FictionBook is an open XML-based e-book format, which originated and gained popularity in Russia. The FictionBook files have the .fb2 filename extension.

The FictionBook format does not specify the appearance of a document; instead, it describes its structure. For example, there are special tags for epigraphs, verses and quotations. All the ebook metadata, such as the author name, title, and publisher, is also present in the ebook file. Hence the format is convenient for automatic processing, indexing, and ebook collection management. This also allows automatic conversion into other formats.

Features of FictionBook[edit]

  • Free and open format with multiple hardware and software implementations
  • DRM-free
  • Supports reflow by design
  • Simple semantic markup
  • Optimized for narrative literature
  • Embeds metadata, proposes its own scheme for genre description
  • Supports Unicode
  • Documents may contain:
    • Structured text organized in nested sections (optionally titled)
    • Subtitles (which do not appear in the table of contents)
    • Epigraphs
    • Poetry
    • Quotations
    • References and footnotes
    • Tables (but not all readers support them)
    • Raster images (PNG or JPEG)
  • Inline formatting:
    • Strong (usually bold)
    • Emphasized (usually slanted or italic)
    • Strikethrough
    • Superscript
    • Subscript
    • Program code (usually in monospace font)

Differences from other ebook formats[edit]

In contrast to other eBook formats (e.g. ePub), FictionBook eBook consists of just one XML file. Images are converted to Base64 and reside inside the <binary> tag, so the size of the embedded images is increased by approximately 37%. Often FictionBook files are distributed inside Zip archives, and most of hardware and software readers can work with compressed FictionBook files (* directly. The metadata and the plain text data are always placed in the beginning of the FictionBook file, while more heavyweight binary images are placed in the end. This allows software to start rendering or processing FictionBook before the file is available entirely.

FictionBook is the format of choice of some of the community-driven online electronic libraries. It does not allow for Digital Rights Management of any kind.

Software and hardware support[edit]

It is supported by e-book readers such as FBReader, AlReader, Haali Reader, STDU Viewer, CoolReader, Okular, Documents for iOS, and some others.
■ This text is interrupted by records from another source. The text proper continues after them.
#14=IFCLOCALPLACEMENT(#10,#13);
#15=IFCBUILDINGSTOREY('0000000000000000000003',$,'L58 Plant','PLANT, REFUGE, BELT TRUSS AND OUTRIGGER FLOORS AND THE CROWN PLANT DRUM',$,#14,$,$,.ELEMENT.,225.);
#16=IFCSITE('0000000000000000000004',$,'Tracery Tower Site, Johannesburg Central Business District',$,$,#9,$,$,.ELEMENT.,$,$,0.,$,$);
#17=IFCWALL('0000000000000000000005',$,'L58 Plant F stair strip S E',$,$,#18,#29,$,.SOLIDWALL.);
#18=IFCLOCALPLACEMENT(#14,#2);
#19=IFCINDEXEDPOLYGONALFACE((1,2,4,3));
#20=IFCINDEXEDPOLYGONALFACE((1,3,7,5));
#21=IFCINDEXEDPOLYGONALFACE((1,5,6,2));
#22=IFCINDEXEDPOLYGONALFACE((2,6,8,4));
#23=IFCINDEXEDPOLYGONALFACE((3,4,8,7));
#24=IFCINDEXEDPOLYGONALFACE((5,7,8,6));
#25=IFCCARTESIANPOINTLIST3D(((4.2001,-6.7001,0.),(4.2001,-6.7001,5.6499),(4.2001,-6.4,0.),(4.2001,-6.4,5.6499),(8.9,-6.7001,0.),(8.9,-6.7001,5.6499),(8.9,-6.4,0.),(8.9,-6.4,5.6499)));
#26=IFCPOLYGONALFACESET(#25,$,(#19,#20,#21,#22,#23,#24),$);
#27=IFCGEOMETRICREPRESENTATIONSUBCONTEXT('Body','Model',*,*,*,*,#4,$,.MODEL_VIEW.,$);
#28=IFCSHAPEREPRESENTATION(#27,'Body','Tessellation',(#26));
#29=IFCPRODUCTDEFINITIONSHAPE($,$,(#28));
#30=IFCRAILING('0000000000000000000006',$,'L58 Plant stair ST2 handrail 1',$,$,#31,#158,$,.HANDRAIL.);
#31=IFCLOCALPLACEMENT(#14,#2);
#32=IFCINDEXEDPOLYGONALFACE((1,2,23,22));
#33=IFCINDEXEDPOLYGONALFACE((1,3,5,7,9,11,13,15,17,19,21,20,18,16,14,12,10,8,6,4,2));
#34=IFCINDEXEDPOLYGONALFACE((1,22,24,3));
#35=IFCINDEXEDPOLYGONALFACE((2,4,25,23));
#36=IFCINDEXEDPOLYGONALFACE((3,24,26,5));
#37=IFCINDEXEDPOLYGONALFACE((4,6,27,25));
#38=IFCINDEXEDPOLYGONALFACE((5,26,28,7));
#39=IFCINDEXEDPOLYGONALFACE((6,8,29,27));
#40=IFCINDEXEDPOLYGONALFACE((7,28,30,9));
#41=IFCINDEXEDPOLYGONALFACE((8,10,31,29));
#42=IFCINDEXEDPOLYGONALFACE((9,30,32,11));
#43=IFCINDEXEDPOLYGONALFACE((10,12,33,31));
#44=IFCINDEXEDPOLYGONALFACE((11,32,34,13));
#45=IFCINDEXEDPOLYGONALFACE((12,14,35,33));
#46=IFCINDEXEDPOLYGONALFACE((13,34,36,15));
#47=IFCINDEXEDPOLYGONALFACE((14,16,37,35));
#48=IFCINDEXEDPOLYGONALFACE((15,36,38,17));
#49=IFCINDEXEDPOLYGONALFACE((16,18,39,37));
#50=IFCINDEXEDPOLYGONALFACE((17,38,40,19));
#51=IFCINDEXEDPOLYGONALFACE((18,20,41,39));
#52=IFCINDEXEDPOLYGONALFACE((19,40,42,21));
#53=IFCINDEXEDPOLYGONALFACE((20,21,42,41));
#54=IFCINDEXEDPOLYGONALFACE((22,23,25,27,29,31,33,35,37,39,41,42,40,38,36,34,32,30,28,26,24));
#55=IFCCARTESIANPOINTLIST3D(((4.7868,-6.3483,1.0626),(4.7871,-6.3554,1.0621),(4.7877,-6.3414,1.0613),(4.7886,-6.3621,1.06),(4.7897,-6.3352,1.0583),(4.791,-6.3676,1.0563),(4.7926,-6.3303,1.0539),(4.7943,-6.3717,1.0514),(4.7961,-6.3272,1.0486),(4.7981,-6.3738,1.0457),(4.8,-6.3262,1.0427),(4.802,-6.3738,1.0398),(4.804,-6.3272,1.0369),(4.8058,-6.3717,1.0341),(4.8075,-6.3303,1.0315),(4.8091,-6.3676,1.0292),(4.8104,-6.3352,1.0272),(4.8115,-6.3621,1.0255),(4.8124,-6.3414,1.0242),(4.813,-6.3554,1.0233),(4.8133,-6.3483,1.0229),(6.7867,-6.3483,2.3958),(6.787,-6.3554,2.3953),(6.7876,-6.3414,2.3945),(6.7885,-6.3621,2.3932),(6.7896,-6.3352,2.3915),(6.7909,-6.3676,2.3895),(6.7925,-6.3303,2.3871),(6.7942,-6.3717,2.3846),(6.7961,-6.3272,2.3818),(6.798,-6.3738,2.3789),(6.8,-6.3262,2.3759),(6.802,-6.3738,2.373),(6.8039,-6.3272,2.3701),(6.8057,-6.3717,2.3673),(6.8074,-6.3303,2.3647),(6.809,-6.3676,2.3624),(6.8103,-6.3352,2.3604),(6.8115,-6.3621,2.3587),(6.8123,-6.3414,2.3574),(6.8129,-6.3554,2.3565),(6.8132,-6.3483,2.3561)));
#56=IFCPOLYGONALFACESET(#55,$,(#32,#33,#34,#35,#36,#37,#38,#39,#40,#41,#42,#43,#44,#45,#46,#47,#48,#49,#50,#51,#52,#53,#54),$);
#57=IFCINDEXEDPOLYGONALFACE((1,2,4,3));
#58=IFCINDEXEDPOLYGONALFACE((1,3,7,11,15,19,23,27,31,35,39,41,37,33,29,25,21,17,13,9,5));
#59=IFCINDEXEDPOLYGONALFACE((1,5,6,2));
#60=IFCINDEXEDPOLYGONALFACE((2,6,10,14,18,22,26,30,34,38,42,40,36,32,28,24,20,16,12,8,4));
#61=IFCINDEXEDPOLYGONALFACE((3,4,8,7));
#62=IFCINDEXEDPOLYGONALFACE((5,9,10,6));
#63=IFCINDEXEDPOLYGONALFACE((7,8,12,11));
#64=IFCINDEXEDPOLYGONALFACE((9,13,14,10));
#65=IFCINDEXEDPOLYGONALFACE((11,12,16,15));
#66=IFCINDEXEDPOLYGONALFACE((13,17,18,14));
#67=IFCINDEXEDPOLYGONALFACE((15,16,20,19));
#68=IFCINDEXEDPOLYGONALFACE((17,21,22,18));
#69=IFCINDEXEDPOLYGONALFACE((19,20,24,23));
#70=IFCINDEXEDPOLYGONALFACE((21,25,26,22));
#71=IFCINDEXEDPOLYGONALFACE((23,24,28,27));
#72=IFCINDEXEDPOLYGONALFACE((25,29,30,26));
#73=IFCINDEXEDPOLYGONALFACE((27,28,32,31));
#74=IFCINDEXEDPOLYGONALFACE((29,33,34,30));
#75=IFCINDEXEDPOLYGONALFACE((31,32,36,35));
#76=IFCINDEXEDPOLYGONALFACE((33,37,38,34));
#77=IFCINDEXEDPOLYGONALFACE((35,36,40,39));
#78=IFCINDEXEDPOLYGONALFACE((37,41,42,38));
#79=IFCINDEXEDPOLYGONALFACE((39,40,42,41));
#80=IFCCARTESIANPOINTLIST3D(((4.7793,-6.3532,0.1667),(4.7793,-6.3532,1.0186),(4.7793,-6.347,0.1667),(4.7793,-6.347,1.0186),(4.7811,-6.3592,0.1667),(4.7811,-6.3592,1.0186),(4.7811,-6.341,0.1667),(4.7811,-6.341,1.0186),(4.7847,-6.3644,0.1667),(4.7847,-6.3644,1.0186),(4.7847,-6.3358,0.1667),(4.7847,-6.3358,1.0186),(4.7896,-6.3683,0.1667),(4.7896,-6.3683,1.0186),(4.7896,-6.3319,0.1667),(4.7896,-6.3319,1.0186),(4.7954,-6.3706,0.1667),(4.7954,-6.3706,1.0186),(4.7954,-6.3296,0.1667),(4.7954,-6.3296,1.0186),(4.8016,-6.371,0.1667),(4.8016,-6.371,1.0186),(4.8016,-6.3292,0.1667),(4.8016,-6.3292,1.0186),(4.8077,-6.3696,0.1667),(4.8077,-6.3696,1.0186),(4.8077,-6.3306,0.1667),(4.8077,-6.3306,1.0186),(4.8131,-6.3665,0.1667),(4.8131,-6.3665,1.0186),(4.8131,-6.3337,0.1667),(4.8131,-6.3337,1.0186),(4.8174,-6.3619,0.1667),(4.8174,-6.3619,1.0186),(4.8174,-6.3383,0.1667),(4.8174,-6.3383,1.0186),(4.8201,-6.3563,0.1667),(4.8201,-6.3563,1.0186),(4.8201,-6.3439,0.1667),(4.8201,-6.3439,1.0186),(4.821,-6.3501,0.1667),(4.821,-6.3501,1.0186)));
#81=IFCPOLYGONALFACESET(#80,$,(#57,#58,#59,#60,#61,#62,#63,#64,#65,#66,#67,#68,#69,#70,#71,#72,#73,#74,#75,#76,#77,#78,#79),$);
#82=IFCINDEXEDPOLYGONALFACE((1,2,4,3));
Many hardware vendors support FictionBook in their firmwares: BeBook One, BeBook Mini and BeBook Club in Europe (and other Hanlin V3 and V5 based devices), all PocketBook Readers, COOL-ER devices, Cybook Opus and Cybook Gen3, and ASUS Eee Reader DR900. Devices based on the Hanvon N516 design can read FictionBook if custom OpenInkpot firmware is installed; it is factory default for Azbooka 516. Amazon's Kindle, Barnes & Noble's Nook, and Sony devices do not support FictionBook directly. However, a GNU GPL cross-platform ebook manager called Calibre allows conversion of .fb2 books into formats suitable for any e-reader.[1]